O autodenominado filósofo mora na Virgínia
(EUA), mas voltou correndo ao Brasil, nos últimos dias, para um tratamento
bancado pelo SUS, com acusações de ter furado a fila do procurado Hospital das
Clínicas da Universidade de São Paulo (USP), onde está internado. Nessa hora,
nada como o Estado longe do mínimo para financiar um Sistema Único de Saúde e
um Sistema Único de Pensões para as herdeiras.
Ao insistirem no erro histórico de
participar da vida política do país, as Forças Armadas se desmoralizam e se
tornam um fator de desestabilização da democracia brasileira. Não são fiadoras
ou garantidoras dela, ou poder moderador - ao contrário. O lugar do militar é
no quartel. Passo importante para barrar os riscos de politização dos fardados
foi dado ontem, com a apresentação da proposta de emenda à Constituição que
determina o afastamento dos militares quando assumirem funções civis.
Protocolada pela deputada Perpétua Almeida (PCdoB-AC), recebeu apoio de cinco
ex-ministros da Defesa dos governos Lula (Nelson Jobim) e Dilma (Celso Amorim,
Jaques Wagner e Aldo Rebelo) e de Michel Temer (Raul Jungmann).
A proposta vem sendo apelidada de “PEC
Pazuello”, em referência ao general da ativa e ex-ministro da Saúde, que chegou
a subir em trio elétrico de manifestação política com Bolsonaro, no Rio, sem
ser punido pela corporação. A PEC é uma resposta parlamentar necessária diante
do aparelhamento do governo federal e do uso das Forças Armadas como
instituição de governo e não de Estado, num processo intensificado pelo atual
ministro da Defesa, Walter Braga Netto, a quem é atribuída a ideia da redação
da nota, em tom intimidatório, assinada na semana passada pelos três
comandantes de força, contra a CPI da Pandemia, o Senado e, no limite, a todo o
Congresso.
Não é, contudo, a CPI, cuja investigação
compromete cada vez mais o presidente da República e seus assessores militares,
o ponto de ataque do bolsonarismo. Ali, no Parlamento, eles jogam na defesa.

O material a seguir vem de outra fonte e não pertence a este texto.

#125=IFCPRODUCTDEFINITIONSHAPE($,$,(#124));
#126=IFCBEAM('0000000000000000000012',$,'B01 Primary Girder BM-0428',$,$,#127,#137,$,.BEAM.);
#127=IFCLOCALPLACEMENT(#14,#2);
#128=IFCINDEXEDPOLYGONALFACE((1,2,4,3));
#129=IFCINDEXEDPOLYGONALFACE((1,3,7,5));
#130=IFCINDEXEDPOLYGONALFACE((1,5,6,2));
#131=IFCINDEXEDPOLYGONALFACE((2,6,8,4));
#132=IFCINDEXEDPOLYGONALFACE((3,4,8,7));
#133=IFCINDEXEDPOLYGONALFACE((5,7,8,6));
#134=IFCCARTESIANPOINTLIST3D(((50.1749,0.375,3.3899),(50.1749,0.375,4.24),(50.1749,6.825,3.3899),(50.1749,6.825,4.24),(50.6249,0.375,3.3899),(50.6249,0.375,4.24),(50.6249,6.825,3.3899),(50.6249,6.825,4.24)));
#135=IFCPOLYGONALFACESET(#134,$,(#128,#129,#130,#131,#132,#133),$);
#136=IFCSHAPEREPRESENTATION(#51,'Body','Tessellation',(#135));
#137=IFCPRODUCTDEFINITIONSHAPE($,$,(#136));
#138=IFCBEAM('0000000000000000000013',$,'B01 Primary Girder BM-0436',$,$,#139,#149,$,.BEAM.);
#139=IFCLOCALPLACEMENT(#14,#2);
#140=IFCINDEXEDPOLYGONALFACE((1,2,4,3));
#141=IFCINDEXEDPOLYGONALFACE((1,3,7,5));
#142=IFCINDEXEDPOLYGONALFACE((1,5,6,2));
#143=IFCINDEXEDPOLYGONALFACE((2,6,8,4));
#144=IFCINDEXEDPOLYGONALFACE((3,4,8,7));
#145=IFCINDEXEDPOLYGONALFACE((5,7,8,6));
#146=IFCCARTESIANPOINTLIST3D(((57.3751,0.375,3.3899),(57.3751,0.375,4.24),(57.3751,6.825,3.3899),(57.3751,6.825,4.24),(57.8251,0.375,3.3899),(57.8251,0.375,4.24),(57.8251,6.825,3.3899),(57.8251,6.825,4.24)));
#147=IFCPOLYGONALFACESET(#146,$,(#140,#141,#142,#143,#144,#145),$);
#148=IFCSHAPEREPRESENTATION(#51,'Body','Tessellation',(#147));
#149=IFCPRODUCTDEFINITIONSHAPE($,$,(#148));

Braga Netto, por exemplo, já foi convidado a se explicar na Câmara. No Supremo,
o governo também está acuado, com a decisão do ministro Alexandre de Moraes de
compartilhar provas do inquérito das “fake news” e dos atos antidemocráticos
com ações do TSE que podem levar à cassação da chapa Bolsonaro-Mourão.
A pressão se avoluma a ponto de parecer
abalar a própria saúde do presidente, internado ontem depois de uma crise de
soluços que dura mais de dez dias. A fragilidade e o discurso ameno adotado
após a reunião de segunda-feira em que teria levado uma enquadrada do
presidente do STF, Luiz Fux, não combinam, porém, com o estilo Bolsonaro.
É no ataque ao sistema de votação e na não aceitação do resultado em 2022, caso perca a reeleição, que o presidente aposta suas fichas para mandar a democracia às favas e à UTI. Doente ela já está.